Figure 4. Pooled analysis of responders’ proportion for GPPASI 75 (8 w).

Within 12 weeks, we observed a GPPASI 75 responder proportion of 66% (95% CI 50%-80%) among 178 patients, including 53% (95% CI 39%-66%) for patients treated by IL-36 targeted biologics, 74% (95% CI 62%-85%) for those treated by IL-17 targeted biologics (Figure 5). The Egger test for publication bias indicated no evidence of bias (P = 0.79).

Figure 5

Figure 5. Pooled analysis of responders’ proportion for GPPASI 75 (12 w).

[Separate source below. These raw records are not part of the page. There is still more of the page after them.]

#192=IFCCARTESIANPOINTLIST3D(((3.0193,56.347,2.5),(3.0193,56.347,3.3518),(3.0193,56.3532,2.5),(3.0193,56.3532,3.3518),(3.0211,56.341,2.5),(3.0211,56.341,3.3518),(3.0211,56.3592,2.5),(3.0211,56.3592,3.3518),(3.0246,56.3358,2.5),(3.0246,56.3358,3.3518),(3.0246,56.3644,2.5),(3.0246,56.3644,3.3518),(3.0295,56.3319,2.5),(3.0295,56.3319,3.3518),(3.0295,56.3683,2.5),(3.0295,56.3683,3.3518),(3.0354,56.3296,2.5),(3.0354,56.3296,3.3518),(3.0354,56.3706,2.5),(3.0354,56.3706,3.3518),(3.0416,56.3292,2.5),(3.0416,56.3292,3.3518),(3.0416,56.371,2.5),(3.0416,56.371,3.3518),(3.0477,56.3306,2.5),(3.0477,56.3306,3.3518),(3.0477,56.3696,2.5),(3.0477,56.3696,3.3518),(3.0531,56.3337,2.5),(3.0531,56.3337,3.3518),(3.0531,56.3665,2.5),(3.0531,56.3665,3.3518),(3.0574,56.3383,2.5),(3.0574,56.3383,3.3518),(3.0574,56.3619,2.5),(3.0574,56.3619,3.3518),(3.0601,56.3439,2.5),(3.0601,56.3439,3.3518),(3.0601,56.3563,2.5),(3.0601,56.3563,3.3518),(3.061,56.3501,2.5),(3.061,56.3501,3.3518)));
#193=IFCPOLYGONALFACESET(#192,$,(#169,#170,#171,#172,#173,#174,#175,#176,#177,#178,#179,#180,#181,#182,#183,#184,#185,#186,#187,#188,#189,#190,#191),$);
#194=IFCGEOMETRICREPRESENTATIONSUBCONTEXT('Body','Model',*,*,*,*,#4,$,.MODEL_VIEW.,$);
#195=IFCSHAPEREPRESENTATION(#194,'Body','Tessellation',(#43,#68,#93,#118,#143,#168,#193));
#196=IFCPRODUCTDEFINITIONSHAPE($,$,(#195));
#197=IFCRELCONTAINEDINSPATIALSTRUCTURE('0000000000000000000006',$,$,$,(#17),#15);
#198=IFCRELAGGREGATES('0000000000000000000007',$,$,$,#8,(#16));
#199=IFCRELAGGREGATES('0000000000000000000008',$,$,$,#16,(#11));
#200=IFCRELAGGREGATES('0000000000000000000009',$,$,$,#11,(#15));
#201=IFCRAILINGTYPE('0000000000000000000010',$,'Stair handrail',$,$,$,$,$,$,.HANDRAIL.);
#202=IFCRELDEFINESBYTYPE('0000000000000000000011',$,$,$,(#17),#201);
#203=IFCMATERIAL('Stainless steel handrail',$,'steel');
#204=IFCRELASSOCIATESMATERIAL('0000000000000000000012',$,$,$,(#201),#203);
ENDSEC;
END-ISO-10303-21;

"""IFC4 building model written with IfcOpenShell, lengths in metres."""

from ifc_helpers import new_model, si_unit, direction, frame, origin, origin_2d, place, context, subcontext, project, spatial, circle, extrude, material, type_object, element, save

And we observed a GPPASI 90 responder proportion of 1% (95% CI 0%-4%) among 123 patients within 2 weeks, 16% (95% CI 7%-28%) among 123 patients within 4 weeks, 36% (95% CI 23%-50%) among 123 patients within 8 weeks, 50% (95% CI 34%-67%) among 172 patients within 12 weeks. As for GPPASI 100, we observed a responder proportion of 0% (95% CI 0%-2%) among 123 patients within 2 weeks, 1% (95% CI 0%-5%) among 123 patients within 4 weeks, 4% (95% CI 0%-12%) among 123 patients within 8 weeks, 9% (95% CI 1%-20%) among 164 patients within 12 weeks.

3.4 GPPGA (0, 1)

Treatment success was defined as achieving a GPPGA score of 0 or 1. Within 2 weeks, we observed a responder proportion of 16% (95% CI 0%-47%) among 114 patients, including 55% (95% CI 41%-68%) for patients treated by IL-36 targeted biologics, 0% (95% CI 0%-22%) for those treated by TNF-α targeted biologics, 0% (95% CI 0%-21%) for those treated by IL-23 targeted biologics, 7% (95% CI 0-51%) for those treated by IL-17 targeted biologics (Figure 6). The Egger test for publication bias indicated no evidence of bias (P = 0.52).

Figure 6

Figure 6. Pooled analysis of responders’ proportion for GPPGA (0, 1) (2 w).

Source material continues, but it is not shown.